Lass das Polyesterharz beim Handel und nehme Epoxydharz.

Das Lamnierharz sollte aus gutem Grund Lösemittelfrei sein!!!
Weniger Gestank und beim Entweichen der Lösungsmittel könnten sich Poren bilden...

Du kannst bei entsprechenden Temp. alles an einem Tag schaffen...nicht zuviel Epox anrühren- je nach Temp. wird es schnell fest..
Mit sind schoneinmal 40kg im Eimer beim Rühren fest geworden....hat gequalmt wie Hölle...

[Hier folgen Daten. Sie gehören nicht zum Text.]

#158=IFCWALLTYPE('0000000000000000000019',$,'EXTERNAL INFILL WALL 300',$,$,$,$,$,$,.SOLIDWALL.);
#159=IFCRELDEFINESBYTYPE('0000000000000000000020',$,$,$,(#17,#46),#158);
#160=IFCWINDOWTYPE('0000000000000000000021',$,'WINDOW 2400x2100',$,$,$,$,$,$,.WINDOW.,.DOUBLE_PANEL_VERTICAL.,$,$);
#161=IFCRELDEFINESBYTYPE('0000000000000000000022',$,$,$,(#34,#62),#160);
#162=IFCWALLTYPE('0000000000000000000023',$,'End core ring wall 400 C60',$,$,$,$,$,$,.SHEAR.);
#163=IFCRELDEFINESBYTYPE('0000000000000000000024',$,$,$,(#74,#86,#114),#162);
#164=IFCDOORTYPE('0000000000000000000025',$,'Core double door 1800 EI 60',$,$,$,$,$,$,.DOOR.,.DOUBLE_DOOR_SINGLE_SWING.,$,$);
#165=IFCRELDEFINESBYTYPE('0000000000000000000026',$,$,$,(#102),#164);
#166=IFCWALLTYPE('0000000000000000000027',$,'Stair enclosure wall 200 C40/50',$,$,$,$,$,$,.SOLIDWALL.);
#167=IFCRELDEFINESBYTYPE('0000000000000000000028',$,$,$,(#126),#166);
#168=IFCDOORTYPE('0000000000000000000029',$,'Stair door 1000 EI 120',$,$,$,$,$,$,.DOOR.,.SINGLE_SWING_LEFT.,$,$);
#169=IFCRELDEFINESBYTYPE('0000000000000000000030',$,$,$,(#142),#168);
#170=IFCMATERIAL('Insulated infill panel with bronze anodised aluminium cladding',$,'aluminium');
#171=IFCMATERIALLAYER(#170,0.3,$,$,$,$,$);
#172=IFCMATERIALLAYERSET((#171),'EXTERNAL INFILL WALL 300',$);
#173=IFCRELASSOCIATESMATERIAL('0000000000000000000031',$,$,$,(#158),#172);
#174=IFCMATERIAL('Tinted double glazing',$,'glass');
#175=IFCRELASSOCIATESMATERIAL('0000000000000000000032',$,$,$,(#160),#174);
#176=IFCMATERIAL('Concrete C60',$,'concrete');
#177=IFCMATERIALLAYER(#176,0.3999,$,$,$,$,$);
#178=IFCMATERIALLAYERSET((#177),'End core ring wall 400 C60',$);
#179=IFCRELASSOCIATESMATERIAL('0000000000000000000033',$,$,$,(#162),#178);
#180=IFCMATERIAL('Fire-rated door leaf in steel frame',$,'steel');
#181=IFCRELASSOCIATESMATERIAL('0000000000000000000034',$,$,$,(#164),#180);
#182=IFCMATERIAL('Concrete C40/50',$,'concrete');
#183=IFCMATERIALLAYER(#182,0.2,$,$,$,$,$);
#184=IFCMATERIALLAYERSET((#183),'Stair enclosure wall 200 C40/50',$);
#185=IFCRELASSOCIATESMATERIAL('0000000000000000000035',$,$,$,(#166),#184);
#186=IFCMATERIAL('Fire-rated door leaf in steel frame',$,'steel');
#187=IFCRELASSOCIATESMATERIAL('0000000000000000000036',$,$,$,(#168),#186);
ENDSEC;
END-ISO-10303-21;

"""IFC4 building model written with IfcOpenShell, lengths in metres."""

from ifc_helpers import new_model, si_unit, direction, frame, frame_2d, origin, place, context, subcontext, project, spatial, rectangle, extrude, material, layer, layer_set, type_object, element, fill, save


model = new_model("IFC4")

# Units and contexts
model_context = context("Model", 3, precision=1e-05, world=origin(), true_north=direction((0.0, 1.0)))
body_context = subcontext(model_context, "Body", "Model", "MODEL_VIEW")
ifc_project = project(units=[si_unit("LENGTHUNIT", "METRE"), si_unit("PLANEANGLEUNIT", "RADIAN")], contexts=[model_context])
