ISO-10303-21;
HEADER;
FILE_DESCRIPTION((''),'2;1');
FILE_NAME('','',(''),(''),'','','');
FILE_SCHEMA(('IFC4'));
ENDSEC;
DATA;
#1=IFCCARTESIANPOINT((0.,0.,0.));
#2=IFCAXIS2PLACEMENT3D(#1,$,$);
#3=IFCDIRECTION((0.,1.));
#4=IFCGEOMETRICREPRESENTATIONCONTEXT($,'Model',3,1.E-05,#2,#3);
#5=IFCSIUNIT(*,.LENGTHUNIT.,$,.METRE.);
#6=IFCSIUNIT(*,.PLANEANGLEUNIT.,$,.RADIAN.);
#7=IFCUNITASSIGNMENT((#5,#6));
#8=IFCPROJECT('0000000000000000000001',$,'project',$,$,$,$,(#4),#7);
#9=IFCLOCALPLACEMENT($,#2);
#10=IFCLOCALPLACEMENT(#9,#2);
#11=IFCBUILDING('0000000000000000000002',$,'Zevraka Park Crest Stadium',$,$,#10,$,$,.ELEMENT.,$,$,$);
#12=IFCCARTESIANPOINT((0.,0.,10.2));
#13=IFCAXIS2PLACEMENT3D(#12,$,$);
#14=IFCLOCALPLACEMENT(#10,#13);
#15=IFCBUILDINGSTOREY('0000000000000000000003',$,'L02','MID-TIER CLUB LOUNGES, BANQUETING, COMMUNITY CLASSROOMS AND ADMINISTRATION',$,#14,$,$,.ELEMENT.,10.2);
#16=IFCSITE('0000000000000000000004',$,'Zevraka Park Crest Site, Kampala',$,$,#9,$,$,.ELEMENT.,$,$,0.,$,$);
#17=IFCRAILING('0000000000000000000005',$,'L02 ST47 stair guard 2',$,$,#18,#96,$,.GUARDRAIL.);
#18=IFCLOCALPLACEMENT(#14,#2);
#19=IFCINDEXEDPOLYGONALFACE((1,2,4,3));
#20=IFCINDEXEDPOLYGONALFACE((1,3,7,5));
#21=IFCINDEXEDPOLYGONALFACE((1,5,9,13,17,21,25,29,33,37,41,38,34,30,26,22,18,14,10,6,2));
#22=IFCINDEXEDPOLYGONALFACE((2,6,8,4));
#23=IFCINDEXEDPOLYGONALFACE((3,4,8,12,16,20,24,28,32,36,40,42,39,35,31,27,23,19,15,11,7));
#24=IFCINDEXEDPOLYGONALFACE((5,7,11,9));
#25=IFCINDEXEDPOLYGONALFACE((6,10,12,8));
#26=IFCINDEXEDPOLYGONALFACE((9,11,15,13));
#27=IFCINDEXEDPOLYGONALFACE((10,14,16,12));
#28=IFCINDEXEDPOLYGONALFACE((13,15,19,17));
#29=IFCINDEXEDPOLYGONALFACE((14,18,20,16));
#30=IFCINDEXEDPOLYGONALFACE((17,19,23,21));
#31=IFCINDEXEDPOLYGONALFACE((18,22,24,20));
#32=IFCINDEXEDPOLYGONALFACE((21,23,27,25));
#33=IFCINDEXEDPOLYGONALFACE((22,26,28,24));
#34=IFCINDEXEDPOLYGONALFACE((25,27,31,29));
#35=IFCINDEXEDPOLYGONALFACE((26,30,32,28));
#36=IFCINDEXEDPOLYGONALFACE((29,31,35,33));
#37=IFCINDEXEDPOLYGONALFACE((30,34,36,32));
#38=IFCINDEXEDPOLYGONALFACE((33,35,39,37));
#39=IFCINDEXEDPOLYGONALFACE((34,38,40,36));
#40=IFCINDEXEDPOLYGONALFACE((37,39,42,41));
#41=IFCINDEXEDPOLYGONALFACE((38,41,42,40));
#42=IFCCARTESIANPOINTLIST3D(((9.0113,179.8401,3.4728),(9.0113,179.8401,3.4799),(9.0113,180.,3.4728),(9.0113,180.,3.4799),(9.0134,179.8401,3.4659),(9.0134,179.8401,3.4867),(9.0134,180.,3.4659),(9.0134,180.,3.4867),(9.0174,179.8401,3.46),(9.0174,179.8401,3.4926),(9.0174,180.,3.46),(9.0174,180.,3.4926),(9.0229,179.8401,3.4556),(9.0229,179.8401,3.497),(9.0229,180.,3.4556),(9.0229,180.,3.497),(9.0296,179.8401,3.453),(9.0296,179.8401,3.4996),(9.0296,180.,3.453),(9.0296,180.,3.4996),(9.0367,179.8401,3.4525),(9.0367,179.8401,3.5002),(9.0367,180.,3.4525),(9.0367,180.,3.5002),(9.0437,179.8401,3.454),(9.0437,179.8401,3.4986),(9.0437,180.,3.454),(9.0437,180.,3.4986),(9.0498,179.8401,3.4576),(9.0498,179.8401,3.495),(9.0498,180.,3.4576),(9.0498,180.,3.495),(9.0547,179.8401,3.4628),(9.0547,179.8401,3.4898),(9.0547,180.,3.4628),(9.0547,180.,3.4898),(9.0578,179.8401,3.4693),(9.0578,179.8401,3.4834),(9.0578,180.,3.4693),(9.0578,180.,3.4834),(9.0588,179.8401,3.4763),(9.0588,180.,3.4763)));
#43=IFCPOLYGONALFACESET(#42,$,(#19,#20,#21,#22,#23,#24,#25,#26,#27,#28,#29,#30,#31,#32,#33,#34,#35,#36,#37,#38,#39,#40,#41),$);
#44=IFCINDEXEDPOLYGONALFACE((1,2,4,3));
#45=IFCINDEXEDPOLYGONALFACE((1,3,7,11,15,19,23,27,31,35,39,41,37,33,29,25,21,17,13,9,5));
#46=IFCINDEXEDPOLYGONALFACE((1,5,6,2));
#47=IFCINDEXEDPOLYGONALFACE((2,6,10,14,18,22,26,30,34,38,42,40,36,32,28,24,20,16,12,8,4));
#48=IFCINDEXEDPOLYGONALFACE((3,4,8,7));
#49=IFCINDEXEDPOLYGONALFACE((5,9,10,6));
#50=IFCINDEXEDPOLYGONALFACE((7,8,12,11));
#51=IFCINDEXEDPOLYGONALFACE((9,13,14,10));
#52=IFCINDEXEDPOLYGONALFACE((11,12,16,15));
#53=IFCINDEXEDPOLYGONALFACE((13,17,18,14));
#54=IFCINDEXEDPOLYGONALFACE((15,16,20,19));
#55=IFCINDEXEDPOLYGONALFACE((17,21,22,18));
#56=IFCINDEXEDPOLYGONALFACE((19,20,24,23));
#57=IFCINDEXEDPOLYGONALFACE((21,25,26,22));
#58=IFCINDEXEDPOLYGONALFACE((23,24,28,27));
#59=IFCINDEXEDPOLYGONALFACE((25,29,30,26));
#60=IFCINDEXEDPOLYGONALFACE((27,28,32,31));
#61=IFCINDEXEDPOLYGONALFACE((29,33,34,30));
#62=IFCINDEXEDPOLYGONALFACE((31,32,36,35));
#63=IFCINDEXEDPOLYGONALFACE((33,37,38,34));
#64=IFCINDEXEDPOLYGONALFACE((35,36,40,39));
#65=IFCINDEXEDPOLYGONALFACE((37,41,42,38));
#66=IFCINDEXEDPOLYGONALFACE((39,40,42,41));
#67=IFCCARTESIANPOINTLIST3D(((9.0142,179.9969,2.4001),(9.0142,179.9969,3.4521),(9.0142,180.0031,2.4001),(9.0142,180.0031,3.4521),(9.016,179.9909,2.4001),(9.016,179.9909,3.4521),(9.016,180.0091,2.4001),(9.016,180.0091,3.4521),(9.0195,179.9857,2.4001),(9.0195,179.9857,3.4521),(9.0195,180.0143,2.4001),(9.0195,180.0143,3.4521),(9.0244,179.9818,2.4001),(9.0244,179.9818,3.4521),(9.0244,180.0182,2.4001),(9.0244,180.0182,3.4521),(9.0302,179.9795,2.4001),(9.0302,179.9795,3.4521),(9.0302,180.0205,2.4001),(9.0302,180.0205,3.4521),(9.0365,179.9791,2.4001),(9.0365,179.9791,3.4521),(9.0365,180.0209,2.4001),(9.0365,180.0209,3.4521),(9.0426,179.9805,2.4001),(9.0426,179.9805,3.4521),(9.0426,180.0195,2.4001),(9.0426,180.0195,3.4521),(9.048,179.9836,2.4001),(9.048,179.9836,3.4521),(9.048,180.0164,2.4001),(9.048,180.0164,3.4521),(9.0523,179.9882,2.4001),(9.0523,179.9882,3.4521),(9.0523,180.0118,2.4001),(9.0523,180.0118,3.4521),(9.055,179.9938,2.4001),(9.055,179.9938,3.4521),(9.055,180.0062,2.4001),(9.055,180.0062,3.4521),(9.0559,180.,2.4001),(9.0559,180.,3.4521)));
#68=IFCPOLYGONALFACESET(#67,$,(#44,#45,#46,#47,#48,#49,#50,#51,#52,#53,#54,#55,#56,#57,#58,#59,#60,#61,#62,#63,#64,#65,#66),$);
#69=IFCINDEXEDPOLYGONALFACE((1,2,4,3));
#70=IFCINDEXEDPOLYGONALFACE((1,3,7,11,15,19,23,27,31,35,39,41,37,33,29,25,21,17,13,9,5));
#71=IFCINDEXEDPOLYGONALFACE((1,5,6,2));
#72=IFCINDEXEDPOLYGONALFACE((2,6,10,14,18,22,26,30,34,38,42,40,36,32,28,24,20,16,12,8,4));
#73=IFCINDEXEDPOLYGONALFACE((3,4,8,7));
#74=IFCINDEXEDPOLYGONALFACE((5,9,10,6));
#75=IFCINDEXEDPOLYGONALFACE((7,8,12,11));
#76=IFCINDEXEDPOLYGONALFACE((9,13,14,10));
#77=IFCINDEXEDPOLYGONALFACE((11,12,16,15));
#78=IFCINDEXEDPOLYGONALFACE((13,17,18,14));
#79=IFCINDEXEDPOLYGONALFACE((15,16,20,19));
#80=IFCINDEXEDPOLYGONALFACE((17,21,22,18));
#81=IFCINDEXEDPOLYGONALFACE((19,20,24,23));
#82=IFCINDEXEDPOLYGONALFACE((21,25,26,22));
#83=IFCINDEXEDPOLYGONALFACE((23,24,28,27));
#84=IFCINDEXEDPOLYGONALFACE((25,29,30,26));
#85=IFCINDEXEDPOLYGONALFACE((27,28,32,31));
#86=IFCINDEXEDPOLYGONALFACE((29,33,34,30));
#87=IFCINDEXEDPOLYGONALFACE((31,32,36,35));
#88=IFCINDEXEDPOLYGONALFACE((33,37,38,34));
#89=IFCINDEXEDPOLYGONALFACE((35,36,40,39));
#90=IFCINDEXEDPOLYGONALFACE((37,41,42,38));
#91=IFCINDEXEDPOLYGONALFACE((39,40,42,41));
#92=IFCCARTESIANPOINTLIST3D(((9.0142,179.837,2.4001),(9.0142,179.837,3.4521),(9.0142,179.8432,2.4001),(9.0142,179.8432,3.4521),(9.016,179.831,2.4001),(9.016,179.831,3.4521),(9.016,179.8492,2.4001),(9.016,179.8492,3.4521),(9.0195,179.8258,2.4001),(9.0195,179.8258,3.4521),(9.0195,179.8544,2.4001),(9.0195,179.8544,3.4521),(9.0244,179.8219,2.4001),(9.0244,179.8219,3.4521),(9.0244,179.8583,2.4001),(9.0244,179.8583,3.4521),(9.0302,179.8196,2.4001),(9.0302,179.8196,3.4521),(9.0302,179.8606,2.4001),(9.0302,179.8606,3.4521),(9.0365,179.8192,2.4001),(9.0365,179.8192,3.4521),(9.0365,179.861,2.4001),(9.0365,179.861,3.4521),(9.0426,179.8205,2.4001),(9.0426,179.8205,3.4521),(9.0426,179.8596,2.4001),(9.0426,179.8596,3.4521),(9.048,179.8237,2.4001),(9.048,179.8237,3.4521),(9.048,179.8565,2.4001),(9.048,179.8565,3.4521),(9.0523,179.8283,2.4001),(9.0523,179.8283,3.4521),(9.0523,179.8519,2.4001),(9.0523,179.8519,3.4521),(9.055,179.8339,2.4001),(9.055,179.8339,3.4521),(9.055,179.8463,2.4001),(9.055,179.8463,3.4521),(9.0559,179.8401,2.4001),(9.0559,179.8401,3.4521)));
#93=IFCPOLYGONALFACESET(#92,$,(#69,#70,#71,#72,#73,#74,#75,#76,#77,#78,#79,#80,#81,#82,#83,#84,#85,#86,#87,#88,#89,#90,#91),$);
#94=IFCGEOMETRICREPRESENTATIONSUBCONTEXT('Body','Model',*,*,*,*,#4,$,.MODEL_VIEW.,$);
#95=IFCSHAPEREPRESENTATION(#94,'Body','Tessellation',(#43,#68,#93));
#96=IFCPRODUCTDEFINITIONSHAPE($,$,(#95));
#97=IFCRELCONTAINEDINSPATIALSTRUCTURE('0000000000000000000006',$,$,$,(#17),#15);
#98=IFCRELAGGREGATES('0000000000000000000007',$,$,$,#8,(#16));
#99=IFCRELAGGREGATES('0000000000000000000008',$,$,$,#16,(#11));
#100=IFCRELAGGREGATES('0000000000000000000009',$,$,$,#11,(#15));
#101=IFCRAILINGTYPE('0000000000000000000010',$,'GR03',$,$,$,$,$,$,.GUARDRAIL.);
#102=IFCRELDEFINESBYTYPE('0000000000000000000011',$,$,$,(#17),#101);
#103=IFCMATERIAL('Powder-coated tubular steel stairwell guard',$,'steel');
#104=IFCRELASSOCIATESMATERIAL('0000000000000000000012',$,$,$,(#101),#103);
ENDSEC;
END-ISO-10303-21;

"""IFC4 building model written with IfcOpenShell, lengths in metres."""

from ifc_helpers import new_model, si_unit, direction, frame, origin, origin_2d, place, context, subcontext, project, spatial, circle, extrude, material, type_object, element, save


model = new_model("IFC4")

# Units and contexts
model_context = context("Model", 3, precision=1e-05, world=origin(), true_north=direction((0.0, 1.0)))
body_context = subcontext(model_context, "Body", "Model", "MODEL_VIEW")
ifc_project = project(units=[si_unit("LENGTHUNIT", "METRE"), si_unit("PLANEANGLEUNIT", "RADIAN")], contexts=[model_context])

# Site, building, storey
site_placement = place(None, origin())
site = spatial("IfcSite", under=ifc_project, at=site_placement, Name="Zevraka Park Crest Site, Kampala", CompositionType="ELEMENT", RefElevation=0.0)
building_placement = place(site_placement, origin())
building = spatial("IfcBuilding", under=site, at=building_placement, Name="Zevraka Park Crest Stadium", CompositionType="ELEMENT")
storey_placement = place(building_placement, frame((0.0, 0.0, 10.2)))
storey = spatial("IfcBuildingStorey", under=building, at=storey_placement, Name="L02", Description="MID-TIER CLUB LOUNGES, BANQUETING, COMMUNITY CLASSROOMS AND ADMINISTRATION", CompositionType="ELEMENT", Elevation=10.2)

# Railing
ifc_material_1 = material(Name="Powder-coated tubular steel stairwell guard", Category="steel")
railing_type_1 = type_object("IfcRailingType", Name="GR03", PredefinedType="GUARDRAIL", material=ifc_material_1)
railing_1_placement = place(storey_placement, frame((9.0349, 180.0, 2.4001)))
element("IfcRailing", 1, at=railing_1_placement, inside=storey, type_object=railing_type_1, Name="L02 ST47 stair guard 2", PredefinedType="GUARDRAIL", context=body_context, shape_type="SweptSolid", body=[
    extrude(circle(Radius=0.0239, at=origin_2d()), frame((0.0, 0.0, 1.0762), z_axis=(0.0, -1.0, 0.0), x_axis=(1.0, 0.0, 0.0)), (0.0, 0.0, 1.0), 0.1599),
    extrude(circle(Radius=0.021, at=origin_2d()), origin(), (0.0, 0.0, 1.0), 1.052),
    extrude(circle(Radius=0.021, at=origin_2d()), frame((0.0, -0.1599, 0.0)), (0.0, 0.0, 1.0), 1.052),
])

save(model, "model.ifc")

Sachte beginnen.. Harz und Härter abwiegen


----------



## mitch (8. Feb. 2016)

Hallo Jens,

kennst du den Thread vom Andreas ==> https://www.hobby-gartenteich.de/xf/posts/506659/
der ist auch so ein alter  GFK Spezi


----------



## supmo1969 (8. Feb. 2016)

Hi Jens, gearbeitet wird nass in nass. Sollte alles nicht an einem Tag geschafft werden, muss die gehärtete Laminatschicht angeschliffen werden. 
Wie schon oben angeführt nicht zu viel mischen und kleine Abschnitte abarbeiten.


----------



## supmo1969 (8. Feb. 2016)

Noch vergessen,
wenn das Harz dickflüssiger ist haftet es besser an senkrechten Flächen. Es kann auch noch zusätzlich angedickt werden.


----------



## Wanderra (8. Feb. 2016)

Hey Leute
Ich danke euch allen für die guten Ratschläge, ihr habt mir echt geholfen! 
Bis bald!


----------